Reproduction: runner at arena-war-eval-v0.3.3, schemaVersion 6, per-game seeds are a deterministic function of the run seed, the model index, the iteration, and the game index. All four JSON artifacts are on the machine that produced them.
n=25 games each. The dashed horizontal line is the held-out reference's mean territory across its 25 matched games against each model, averaged across the four runs (≈ 20%). The two self-play columns show the starkest split: at default reasoning, opus finishes at 14.5% while gpt-5.4 finishes at 38.6%; raising gpt-5.4's reasoning_effort to high lifts both models' best-iteration scores into the 50s.
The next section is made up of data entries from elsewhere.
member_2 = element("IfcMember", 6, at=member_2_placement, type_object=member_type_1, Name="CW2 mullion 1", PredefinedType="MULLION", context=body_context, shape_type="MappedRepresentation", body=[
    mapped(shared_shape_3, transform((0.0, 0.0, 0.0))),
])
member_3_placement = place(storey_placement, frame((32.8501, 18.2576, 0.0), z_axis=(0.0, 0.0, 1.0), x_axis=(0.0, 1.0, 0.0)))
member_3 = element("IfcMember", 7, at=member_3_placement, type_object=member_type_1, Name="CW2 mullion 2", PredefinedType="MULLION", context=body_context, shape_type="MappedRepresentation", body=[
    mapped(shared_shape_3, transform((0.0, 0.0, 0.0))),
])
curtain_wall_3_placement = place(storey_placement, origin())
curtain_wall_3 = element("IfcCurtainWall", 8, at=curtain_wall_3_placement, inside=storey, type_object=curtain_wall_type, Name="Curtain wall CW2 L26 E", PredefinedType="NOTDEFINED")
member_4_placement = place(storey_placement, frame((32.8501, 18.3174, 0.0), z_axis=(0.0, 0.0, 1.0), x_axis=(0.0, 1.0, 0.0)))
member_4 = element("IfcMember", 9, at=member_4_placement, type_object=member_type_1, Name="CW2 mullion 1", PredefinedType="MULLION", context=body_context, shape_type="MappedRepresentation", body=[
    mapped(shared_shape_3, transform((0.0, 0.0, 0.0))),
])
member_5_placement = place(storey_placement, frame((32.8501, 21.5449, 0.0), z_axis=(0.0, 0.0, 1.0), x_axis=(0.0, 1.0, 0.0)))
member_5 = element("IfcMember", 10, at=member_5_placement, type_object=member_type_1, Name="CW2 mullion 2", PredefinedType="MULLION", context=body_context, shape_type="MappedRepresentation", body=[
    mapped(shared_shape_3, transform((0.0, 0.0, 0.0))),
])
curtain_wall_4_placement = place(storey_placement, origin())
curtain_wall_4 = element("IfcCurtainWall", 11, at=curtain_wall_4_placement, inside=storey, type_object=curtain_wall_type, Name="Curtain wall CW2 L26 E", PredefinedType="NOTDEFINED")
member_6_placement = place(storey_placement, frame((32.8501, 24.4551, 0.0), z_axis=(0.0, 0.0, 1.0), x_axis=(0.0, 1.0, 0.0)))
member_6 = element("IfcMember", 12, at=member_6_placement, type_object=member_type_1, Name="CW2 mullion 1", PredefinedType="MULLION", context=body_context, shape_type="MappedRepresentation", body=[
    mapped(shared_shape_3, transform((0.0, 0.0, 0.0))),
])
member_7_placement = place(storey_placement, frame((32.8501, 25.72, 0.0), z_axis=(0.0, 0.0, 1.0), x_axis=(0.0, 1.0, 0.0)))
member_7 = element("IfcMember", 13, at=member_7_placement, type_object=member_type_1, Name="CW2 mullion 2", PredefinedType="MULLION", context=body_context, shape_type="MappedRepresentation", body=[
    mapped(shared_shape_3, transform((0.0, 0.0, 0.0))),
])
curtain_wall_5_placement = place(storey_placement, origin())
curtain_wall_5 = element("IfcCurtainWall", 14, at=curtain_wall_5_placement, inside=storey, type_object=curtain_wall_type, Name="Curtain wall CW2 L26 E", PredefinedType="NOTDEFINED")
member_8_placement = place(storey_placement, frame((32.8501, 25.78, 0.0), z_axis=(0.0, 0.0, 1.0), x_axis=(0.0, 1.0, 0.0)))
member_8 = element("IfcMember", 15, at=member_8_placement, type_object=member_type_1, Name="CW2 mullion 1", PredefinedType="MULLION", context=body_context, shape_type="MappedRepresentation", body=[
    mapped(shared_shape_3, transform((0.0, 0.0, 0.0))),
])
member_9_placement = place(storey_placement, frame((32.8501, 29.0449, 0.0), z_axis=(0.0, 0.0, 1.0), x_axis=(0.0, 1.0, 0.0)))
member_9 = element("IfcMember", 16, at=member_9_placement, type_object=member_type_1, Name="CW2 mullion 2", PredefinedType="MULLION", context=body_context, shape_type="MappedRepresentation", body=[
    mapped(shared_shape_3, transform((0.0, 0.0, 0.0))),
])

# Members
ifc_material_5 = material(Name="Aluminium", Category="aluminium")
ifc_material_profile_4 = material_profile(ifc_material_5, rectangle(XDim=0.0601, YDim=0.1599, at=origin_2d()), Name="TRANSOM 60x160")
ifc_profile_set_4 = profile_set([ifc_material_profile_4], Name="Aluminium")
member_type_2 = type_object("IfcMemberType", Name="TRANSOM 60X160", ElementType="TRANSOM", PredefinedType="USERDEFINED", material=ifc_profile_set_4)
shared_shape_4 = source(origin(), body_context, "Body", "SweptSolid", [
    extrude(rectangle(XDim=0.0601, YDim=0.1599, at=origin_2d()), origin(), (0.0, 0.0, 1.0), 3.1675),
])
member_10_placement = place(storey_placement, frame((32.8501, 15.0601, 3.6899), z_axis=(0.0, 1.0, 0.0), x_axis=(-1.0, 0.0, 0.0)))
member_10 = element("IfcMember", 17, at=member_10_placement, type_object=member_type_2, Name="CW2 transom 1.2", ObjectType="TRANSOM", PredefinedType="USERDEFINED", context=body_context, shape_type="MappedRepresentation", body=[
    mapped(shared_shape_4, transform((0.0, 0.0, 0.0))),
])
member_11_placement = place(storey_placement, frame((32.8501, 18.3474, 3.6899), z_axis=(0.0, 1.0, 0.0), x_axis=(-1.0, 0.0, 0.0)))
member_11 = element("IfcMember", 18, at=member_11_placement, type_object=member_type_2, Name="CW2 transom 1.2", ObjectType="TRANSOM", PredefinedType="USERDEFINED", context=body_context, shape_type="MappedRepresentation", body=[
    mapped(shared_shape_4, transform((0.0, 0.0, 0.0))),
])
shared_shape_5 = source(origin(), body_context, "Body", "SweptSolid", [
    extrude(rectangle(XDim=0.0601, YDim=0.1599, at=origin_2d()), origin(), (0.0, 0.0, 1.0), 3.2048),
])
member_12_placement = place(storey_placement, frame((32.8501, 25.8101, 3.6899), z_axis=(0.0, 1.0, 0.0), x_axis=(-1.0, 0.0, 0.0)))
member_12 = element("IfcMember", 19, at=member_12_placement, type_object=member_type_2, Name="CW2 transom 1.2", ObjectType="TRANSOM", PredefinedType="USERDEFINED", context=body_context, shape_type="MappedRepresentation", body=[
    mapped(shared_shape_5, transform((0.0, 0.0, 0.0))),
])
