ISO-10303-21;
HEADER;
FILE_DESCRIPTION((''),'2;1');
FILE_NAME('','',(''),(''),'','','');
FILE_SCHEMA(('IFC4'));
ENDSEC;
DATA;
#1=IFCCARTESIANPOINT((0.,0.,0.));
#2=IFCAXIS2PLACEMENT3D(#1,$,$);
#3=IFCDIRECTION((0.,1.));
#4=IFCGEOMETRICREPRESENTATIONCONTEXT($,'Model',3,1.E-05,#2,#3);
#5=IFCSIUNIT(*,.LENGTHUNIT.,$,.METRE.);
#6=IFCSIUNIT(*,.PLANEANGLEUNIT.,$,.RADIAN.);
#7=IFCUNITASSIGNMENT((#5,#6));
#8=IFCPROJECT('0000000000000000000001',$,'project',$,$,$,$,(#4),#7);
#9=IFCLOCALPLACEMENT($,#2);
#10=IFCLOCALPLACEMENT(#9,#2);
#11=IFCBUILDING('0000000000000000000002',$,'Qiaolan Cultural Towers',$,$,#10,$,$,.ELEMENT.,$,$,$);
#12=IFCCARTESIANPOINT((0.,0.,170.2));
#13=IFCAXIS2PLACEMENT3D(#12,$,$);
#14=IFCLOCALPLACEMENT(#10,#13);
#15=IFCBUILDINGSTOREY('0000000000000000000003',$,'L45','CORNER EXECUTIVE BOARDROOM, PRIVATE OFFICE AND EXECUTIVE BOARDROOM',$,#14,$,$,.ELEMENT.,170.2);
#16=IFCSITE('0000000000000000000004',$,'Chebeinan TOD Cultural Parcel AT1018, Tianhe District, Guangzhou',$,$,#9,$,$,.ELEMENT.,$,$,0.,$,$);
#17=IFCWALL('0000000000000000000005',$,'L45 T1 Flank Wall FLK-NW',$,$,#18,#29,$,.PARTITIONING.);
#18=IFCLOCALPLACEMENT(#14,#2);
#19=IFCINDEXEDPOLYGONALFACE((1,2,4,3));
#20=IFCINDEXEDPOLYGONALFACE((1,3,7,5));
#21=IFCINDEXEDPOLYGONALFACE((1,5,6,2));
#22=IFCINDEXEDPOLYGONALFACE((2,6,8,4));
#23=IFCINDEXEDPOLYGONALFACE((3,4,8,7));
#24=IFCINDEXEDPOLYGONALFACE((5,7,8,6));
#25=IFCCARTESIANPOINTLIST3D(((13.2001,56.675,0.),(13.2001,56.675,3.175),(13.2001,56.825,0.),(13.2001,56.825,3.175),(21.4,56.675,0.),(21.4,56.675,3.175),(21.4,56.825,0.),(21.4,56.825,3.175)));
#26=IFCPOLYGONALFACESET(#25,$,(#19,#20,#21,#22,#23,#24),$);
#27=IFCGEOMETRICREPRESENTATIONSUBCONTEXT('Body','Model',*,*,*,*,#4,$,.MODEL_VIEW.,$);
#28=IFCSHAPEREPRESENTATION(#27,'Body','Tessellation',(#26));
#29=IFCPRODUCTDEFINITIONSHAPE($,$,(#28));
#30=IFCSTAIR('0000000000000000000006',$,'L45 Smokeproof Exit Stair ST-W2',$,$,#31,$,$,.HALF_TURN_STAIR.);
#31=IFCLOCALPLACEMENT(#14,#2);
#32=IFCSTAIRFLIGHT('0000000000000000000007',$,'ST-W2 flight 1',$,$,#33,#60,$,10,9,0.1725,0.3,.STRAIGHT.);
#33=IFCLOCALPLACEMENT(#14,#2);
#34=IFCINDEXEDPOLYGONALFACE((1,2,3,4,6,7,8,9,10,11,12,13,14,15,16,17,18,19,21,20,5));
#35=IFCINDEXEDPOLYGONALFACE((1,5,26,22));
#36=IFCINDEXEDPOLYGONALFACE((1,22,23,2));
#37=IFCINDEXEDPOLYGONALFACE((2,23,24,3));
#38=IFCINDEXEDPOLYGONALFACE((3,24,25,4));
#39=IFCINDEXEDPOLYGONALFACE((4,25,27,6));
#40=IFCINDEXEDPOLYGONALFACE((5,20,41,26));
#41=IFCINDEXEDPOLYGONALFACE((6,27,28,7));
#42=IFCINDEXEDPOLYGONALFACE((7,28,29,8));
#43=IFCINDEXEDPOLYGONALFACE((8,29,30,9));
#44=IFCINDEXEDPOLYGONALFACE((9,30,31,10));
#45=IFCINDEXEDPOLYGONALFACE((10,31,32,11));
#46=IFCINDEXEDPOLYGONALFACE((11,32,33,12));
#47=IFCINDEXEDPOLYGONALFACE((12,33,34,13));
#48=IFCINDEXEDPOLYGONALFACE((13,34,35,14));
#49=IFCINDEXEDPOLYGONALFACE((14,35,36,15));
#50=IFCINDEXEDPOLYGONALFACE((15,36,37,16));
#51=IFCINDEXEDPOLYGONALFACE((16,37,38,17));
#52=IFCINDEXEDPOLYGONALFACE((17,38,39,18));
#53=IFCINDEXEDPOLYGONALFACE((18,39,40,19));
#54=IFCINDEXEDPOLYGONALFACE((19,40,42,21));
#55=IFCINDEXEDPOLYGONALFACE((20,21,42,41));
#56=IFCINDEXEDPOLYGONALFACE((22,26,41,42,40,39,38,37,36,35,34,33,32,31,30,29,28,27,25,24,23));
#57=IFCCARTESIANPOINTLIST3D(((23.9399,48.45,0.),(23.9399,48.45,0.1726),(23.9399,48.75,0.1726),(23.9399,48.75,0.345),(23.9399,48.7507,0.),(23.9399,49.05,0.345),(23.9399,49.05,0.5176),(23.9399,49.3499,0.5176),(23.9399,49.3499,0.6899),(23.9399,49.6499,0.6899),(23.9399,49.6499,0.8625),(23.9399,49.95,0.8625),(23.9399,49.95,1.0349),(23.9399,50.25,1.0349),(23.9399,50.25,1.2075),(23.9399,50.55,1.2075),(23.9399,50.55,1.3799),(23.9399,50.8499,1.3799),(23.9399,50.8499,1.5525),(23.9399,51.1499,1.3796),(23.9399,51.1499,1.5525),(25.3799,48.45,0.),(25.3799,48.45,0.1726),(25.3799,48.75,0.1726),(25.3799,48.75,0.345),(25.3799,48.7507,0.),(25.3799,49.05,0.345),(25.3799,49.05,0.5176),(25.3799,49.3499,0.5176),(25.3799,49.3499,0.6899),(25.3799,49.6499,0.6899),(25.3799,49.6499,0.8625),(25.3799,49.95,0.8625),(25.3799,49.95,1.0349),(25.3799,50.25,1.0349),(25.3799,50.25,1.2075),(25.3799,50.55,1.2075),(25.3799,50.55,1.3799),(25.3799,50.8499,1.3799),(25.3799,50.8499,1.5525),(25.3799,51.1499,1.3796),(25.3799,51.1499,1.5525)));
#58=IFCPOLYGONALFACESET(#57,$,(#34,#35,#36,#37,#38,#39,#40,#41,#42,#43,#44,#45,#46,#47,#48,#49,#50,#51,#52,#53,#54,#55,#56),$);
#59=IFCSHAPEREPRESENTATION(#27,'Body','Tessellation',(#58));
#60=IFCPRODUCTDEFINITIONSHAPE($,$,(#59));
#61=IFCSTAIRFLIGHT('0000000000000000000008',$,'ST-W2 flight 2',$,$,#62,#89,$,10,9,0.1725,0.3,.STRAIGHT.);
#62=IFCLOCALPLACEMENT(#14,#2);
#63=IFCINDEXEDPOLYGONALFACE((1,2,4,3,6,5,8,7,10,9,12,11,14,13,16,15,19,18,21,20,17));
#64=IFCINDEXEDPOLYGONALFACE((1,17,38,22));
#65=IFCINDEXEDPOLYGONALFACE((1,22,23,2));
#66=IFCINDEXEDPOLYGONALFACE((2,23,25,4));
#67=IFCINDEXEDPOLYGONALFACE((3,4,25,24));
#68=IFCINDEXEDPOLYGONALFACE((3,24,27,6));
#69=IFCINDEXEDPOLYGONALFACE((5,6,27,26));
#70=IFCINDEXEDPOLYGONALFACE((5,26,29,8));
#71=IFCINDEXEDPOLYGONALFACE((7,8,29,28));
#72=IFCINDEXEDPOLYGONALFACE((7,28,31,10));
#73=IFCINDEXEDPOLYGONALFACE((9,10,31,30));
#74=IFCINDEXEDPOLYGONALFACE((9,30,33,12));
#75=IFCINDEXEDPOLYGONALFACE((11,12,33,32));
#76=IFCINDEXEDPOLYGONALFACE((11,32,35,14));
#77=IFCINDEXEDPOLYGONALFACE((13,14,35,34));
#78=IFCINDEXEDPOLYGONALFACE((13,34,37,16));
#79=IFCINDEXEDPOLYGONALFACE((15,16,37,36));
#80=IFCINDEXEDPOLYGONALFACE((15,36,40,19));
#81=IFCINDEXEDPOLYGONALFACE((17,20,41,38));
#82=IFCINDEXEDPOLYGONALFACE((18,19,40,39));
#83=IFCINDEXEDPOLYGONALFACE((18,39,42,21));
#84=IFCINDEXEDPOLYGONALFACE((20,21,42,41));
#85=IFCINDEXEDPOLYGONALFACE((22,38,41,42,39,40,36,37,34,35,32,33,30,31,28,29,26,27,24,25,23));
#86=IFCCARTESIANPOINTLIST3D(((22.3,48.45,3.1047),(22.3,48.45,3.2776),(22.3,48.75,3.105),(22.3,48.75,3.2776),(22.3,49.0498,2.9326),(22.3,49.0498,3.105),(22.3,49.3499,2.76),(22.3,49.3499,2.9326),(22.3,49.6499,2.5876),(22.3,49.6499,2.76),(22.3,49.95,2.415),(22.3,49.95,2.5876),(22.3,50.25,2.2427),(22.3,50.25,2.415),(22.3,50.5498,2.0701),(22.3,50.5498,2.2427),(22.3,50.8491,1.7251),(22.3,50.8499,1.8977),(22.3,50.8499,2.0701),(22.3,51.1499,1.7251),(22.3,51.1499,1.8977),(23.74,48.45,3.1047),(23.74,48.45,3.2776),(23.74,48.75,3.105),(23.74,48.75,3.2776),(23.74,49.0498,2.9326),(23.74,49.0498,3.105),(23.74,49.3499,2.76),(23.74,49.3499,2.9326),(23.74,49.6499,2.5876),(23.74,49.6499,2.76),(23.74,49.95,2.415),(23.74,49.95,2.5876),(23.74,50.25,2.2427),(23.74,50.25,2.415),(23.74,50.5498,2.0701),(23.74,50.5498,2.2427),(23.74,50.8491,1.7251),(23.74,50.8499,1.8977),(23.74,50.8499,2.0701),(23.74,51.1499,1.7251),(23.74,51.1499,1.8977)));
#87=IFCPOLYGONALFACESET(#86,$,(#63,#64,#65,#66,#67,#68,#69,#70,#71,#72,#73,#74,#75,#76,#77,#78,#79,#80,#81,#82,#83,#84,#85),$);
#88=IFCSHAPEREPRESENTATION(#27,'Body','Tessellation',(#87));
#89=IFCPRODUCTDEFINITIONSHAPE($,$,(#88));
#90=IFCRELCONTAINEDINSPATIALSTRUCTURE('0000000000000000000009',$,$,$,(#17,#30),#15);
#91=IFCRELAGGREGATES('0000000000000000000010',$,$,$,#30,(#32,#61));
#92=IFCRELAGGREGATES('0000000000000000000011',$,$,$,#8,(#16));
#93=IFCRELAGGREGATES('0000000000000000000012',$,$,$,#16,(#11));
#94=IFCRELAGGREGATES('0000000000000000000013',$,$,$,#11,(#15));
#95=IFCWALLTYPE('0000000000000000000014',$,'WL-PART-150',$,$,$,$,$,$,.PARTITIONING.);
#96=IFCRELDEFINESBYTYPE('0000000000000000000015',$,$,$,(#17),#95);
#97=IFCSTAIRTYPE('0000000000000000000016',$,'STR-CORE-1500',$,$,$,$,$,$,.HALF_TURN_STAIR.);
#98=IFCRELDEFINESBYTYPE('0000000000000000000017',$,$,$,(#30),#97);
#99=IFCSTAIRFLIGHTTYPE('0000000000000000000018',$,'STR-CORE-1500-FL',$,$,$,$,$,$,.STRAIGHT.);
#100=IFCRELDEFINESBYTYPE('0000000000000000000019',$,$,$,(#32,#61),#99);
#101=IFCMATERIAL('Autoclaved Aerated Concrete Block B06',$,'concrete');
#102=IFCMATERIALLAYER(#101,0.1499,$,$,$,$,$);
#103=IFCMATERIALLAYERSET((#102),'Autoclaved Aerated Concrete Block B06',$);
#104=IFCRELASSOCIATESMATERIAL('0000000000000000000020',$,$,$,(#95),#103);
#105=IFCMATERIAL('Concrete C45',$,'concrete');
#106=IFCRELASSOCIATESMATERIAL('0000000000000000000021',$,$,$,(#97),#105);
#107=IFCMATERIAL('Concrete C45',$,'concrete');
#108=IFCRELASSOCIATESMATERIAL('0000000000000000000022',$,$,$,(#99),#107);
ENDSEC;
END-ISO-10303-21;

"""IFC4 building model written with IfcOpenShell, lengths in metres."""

from ifc_helpers import new_model, si_unit, direction, frame, frame_2d, origin, place, context, subcontext, project, spatial, polyline, rectangle, outline, extrude, material, layer, layer_set, type_object, element, aggregate, save


model = new_model("IFC4")

# Units and contexts
model_context = context("Model", 3, precision=1e-05, world=origin(), true_north=direction((0.0, 1.0)))
body_context = subcontext(model_context, "Body", "Model", "MODEL_VIEW")
ifc_project = project(units=[si_unit("LENGTHUNIT", "METRE"), si_unit("PLANEANGLEUNIT", "RADIAN")], contexts=[model_context])

# Site, building, storey
site_placement = place(None, origin())
site = spatial("IfcSite", under=ifc_project, at=site_placement, Name="Chebeinan TOD Cultural Parcel AT1018, Tianhe District, Guangzhou", CompositionType="ELEMENT", RefElevation=0.0)
building_placement = place(site_placement, origin())
building = spatial("IfcBuilding", under=site, at=building_placement, Name="Qiaolan Cultural Towers", CompositionType="ELEMENT")
storey_placement = place(building_placement, frame((0.0, 0.0, 170.2)))
storey = spatial("IfcBuildingStorey", under=building, at=storey_placement, Name="L45", Description="CORNER EXECUTIVE BOARDROOM, PRIVATE OFFICE AND EXECUTIVE BOARDROOM", CompositionType="ELEMENT", Elevation=170.2)

# Wall
ifc_material_1 = material(Name="Autoclaved Aerated Concrete Block B06", Category="concrete")
ifc_layer_1 = layer(ifc_material_1, 0.1499)
ifc_layer_set_1 = layer_set([ifc_layer_1], Name="Autoclaved Aerated Concrete Block B06")
wall_type_1 = type_object("IfcWallType", Name="WL-PART-150", PredefinedType="PARTITIONING", material=ifc_layer_set_1)
wall_1_placement = place(storey_placement, frame((13.2, 56.75, 0.0), z_axis=(0.0, 0.0, 1.0), x_axis=(1.0, 0.0, 0.0)))
element("IfcWall", 1, at=wall_1_placement, inside=storey, type_object=wall_type_1, Name="L45 T1 Flank Wall FLK-NW", PredefinedType="PARTITIONING", context=body_context, shape_type="SweptSolid", body=[
    extrude(rectangle(XDim=8.2, YDim=0.1499, at=frame_2d((4.1001, 0.0))), origin(), (0.0, 0.0, 1.0), 3.175),
])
The benchmark in one paragraph
Arena War is a 60×60 circular grid with four players. Each tick, every player's algorithm returns a prioritized list of [row, col] cells it wants to claim; the engine resolves claims in order, respecting adjacency and the circular mask. A game ends at a fixed tick budget, when the grid fills, or when no player can make progress (a stalemate). The primary score is the percentage of cells occupied by the player's color at end-of-game. An eval iteration is n=25 games, each with a different per-game seed, against a fixed fleet of baseline opponents. The prompt gives a model full game rules, examples of prior-iteration scores (its own for self-play; its own plus two anonymized top-2 opponent algorithms for adversarial), and asks it to return a single JavaScript function. The runner extracts, compiles, and runs that function headlessly against the baseline fleet, then feeds scores back into the next iteration's prompt. Early stop fires when an iteration fails to produce a new best (STALE) or when a run-level plateau rule says the CI95 overlaps the running-best's CI95. The output JSON is self-describing: version, schema, seed, per-game seeds, per-iteration failure flags, bootstrap pairwise diffs, a Bradley-Terry opponent-aware rating, a best-vs-best head-to-head matrix, and a held-out reference benchmark.
What we varied
| Axis | Values | Models affected |
|---|---|---|
| Mode | self-play, adversarial | both |
| Reasoning effort | default (omitted), high | gpt-5.4-2026-03-05 only (reasoning_effort is an OpenAI reasoning-family parameter; it is omitted for anthropic and for non-reasoning OpenAI models) |
| Model | claude-opus-4-7, gpt-5.4-2026-03-05 | — |
Held constant: n=25 games per iteration, seed 424242, baseline fleet (Density Wave, Diagonal Spiral, Greedy BFS), held-out reference algorithm (HeldOutReference-v1), up to 6 iterations with CI-overlap plateau early-stop, 8192 visible token output budget per call. At reasoning=high, the OpenAI provider raises max_completion_tokens to a floor of 32768 to cover both internal reasoning and visible output; non-reasoning calls are untouched. Each call has a per-effort request-timeout (30 minutes at high; the OpenAI SDK's default of 10 minutes was empirically insufficient for long iterative prompts).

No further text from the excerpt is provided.